Multiple-choice (10)
1. Which of the following is the working definition of a task in this chapter?
- Any item on a to-do list
- A single doable action, completable in one sitting ✓
- Anything that takes more than five minutes
- A goal you've started working on
2. What is Duhigg's three-part description of the habit loop?
- Plan, do, review
- Stimulus, response, reinforcement
- Cue, routine, reward ✓
- Trigger, target, treat
3. What does James Clear's two-minute rule say?
- Every task should take at most two minutes
- Scope a new habit so the starting version takes two minutes or less, to make starting frictionless ✓
- Wait two minutes before responding to anything
- Spend two minutes planning every hour
4. Why does Clear recommend stating habits as identity ("I am a man who…") rather than as a target ("I want to…")?

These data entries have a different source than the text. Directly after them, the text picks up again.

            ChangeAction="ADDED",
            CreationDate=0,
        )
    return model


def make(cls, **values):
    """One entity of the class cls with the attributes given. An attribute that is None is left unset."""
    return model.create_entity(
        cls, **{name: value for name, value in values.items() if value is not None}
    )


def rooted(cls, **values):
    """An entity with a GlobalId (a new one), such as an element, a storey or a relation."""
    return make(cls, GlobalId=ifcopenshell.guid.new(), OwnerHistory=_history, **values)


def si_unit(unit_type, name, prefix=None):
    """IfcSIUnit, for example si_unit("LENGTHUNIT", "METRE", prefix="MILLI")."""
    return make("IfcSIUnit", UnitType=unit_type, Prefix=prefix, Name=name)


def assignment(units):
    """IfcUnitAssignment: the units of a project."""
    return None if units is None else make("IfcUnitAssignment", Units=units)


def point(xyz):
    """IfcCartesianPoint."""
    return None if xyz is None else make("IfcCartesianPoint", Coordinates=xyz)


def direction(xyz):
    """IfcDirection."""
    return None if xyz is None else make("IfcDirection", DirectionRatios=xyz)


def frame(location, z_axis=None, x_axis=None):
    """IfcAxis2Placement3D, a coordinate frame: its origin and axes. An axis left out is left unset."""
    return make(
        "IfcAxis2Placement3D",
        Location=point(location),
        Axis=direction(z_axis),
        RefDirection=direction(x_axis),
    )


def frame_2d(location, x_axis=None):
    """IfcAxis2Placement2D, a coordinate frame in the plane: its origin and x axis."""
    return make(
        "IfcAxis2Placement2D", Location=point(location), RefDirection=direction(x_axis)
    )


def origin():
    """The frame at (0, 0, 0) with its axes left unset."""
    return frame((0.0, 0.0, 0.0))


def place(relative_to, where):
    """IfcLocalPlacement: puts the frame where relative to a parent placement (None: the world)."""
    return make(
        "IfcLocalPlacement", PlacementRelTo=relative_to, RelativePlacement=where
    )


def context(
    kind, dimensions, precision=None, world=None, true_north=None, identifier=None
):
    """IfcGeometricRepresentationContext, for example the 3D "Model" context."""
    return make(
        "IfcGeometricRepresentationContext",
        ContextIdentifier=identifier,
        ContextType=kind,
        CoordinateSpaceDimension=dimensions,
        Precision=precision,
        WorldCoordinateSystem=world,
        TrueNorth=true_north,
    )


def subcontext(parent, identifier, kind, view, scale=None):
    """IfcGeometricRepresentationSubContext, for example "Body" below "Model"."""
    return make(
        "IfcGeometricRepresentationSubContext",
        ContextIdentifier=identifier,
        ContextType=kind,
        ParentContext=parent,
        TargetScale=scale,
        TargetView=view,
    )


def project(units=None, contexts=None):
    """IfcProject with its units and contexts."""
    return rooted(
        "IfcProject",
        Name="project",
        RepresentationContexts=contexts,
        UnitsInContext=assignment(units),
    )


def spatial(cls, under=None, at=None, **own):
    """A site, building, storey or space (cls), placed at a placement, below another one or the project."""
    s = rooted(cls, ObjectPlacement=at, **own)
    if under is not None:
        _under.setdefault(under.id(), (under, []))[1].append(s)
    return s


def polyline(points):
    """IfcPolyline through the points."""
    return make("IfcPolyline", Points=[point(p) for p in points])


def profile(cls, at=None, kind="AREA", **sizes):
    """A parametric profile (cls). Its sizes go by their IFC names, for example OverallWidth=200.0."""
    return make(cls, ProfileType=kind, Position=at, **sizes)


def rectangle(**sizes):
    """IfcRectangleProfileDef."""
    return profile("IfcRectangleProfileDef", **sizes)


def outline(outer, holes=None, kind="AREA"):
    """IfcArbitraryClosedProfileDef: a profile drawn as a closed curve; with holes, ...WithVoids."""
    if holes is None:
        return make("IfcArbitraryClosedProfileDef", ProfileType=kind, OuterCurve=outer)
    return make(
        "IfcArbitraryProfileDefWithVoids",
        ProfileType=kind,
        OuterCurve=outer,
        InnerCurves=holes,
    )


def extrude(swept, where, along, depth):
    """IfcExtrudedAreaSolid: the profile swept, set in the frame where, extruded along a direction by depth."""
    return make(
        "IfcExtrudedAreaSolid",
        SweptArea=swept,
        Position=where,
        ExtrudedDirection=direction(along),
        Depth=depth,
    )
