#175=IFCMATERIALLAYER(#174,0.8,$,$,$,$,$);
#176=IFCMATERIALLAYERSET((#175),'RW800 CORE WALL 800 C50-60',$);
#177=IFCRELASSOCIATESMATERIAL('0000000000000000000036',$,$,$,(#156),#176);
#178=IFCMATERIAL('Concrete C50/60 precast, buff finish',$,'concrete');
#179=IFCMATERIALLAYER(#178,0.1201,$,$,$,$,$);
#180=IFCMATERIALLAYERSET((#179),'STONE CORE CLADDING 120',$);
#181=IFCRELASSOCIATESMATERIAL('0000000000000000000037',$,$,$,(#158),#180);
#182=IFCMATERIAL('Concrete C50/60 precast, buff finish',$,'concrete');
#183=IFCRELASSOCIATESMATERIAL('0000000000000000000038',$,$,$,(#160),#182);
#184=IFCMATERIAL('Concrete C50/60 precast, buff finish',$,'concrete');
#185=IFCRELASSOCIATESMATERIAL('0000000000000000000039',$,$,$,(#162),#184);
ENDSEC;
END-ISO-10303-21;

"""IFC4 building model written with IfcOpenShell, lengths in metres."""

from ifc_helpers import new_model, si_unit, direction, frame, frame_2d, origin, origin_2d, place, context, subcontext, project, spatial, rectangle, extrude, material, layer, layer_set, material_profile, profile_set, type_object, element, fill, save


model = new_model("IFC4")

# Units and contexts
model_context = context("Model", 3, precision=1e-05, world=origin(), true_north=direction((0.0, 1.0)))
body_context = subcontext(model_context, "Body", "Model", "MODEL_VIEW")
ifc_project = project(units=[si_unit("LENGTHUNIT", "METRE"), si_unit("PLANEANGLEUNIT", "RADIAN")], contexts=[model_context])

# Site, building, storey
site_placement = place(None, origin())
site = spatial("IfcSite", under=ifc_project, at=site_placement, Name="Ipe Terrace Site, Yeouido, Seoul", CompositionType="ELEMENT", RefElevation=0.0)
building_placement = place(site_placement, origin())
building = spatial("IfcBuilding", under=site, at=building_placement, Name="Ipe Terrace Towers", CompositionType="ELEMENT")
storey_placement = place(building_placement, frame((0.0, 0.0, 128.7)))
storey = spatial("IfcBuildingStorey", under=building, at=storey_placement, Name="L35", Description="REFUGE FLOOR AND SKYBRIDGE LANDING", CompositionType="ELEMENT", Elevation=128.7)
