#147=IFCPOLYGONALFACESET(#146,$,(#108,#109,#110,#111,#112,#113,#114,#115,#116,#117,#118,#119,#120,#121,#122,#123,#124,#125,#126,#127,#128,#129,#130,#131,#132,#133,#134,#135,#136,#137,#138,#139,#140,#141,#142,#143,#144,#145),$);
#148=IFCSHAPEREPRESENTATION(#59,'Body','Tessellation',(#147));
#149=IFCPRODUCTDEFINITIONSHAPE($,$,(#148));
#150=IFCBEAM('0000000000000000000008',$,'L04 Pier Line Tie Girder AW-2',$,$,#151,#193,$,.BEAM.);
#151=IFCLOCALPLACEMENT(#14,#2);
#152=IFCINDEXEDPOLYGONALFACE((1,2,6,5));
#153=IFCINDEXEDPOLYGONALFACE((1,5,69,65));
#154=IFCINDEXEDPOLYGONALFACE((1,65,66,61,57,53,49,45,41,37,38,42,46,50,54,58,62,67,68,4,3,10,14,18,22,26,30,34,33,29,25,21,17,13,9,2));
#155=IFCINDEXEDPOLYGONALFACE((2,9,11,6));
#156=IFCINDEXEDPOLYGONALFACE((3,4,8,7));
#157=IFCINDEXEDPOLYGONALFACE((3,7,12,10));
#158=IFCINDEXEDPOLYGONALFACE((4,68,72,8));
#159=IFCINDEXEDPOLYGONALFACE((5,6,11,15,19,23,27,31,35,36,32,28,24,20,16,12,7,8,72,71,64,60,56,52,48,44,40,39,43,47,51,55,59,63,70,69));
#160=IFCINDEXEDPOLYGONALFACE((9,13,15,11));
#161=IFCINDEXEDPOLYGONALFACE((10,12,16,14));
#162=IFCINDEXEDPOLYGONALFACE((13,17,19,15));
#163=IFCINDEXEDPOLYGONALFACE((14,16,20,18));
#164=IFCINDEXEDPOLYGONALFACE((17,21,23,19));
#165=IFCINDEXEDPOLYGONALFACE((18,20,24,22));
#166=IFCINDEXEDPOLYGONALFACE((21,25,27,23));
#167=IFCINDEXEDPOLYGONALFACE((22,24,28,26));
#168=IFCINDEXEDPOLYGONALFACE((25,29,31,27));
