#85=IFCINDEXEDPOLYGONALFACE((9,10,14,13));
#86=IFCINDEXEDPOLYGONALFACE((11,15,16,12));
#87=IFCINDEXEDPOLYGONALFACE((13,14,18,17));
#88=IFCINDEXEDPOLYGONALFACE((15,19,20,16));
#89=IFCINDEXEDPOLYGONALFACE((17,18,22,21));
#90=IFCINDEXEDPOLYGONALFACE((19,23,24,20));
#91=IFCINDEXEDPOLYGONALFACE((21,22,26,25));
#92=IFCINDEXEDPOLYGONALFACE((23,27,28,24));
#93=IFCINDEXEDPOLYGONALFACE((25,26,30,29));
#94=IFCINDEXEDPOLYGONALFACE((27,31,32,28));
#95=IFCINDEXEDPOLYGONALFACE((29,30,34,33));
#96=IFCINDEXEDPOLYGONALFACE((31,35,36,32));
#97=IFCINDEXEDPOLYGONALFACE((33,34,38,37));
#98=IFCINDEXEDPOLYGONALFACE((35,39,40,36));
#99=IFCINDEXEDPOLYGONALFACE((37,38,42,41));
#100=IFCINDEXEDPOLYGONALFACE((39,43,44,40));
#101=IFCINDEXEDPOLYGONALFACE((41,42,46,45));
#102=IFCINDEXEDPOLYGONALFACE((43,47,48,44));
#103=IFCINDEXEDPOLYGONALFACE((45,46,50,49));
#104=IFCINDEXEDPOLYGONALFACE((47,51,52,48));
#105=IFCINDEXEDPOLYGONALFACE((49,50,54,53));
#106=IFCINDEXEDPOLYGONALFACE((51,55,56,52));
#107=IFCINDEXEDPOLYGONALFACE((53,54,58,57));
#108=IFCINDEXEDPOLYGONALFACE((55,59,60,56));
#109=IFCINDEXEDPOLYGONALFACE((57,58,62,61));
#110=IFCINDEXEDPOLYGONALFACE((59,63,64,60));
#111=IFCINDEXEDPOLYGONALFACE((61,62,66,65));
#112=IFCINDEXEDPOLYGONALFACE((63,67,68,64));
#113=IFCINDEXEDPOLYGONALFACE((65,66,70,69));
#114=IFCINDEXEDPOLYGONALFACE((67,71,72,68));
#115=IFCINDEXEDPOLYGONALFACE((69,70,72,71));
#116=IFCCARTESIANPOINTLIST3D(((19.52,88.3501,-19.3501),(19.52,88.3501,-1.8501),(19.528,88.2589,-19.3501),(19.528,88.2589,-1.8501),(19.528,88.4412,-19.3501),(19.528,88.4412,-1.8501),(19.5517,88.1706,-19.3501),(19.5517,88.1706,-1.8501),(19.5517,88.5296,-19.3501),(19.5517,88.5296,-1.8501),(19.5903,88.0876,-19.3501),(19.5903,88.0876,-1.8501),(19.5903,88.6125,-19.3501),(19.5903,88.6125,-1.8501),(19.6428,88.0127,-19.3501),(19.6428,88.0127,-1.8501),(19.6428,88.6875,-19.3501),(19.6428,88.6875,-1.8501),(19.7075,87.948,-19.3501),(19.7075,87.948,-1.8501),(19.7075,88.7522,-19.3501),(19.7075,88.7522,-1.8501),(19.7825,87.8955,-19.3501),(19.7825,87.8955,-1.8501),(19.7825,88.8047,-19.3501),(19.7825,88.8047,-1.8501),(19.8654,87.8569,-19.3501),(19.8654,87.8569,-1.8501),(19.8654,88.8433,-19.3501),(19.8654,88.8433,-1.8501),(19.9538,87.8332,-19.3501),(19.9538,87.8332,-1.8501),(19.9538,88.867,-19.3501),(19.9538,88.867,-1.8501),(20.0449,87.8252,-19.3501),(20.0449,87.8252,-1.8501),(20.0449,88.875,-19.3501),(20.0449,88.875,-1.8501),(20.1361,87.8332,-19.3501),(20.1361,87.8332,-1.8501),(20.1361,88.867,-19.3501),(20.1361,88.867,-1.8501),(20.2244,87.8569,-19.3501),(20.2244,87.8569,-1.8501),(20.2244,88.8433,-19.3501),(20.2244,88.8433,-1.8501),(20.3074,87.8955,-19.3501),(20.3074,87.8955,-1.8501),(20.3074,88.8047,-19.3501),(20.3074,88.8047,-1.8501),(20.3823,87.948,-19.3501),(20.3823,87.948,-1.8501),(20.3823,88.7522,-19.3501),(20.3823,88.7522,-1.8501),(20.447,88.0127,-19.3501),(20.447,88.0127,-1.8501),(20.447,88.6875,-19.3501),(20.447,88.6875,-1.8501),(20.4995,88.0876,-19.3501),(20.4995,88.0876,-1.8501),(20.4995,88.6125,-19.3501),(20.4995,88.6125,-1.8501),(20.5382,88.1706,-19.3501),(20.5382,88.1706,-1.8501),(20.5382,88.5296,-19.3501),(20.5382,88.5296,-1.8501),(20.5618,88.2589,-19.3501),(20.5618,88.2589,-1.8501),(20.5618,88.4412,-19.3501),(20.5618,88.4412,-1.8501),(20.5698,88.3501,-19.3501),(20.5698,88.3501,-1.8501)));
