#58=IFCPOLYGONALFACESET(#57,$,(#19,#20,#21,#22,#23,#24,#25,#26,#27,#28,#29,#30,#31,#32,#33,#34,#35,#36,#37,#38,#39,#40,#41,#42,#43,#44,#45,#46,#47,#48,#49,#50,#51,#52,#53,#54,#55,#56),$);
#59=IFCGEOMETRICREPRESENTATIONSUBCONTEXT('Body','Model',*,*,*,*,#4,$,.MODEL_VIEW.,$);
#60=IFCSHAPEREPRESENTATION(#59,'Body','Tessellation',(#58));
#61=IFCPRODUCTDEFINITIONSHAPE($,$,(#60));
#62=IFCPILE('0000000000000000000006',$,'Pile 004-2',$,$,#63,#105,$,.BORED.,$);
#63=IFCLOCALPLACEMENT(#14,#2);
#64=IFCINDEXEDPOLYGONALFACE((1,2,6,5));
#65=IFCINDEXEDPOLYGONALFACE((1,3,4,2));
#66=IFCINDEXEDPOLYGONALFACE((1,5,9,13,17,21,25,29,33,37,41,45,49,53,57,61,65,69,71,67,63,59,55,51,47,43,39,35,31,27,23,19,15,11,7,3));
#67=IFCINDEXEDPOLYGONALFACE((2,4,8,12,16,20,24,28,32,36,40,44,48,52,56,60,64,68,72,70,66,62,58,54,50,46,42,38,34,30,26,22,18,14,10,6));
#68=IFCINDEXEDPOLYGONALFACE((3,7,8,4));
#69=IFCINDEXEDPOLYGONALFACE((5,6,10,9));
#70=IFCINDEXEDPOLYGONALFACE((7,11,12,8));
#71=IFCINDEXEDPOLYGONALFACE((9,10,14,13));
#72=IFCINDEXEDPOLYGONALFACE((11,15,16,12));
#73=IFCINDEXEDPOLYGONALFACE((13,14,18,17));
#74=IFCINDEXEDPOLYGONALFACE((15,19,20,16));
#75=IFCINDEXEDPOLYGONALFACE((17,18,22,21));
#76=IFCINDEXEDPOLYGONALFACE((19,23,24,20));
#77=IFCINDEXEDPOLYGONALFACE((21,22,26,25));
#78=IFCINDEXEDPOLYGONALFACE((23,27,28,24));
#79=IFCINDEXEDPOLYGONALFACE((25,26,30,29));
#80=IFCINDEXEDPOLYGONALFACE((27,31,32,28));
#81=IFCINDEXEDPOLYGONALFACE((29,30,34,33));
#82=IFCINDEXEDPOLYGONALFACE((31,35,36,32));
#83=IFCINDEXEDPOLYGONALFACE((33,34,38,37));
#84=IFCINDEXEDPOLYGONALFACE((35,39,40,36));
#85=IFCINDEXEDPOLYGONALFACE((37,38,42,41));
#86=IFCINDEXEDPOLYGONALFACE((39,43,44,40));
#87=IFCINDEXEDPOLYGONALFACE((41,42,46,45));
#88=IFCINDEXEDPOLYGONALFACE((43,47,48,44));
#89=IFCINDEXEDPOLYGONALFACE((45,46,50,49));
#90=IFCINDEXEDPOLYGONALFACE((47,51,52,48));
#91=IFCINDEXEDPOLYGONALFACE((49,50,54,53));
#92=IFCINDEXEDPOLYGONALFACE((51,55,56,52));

- Identity statements sound more confident in conversation
- Identity statements give the daily habits something to belong to and make the right next action obvious ✓
- Identity statements are shorter to write
- Identity statements are easier for the brain to forget
5. What's the actual rule behind "never miss twice"?
- Always do the habit perfectly or not at all
- Missing one day is fine; missing two starts a slide, so the rule is about repair speed, not perfection ✓
- Twice-weekly habits are the most durable
- Track every miss in a journal
6. What is a "keystone habit"?
- Any habit you've kept for over a year
- One habit that unlocks others (Duhigg's example: daily exercise often triggers better eating, sleep, and work) ✓
- A habit shared between two people
- A habit you do at the start of every day
7. How does the published Masonic 24-inch gauge divide the day?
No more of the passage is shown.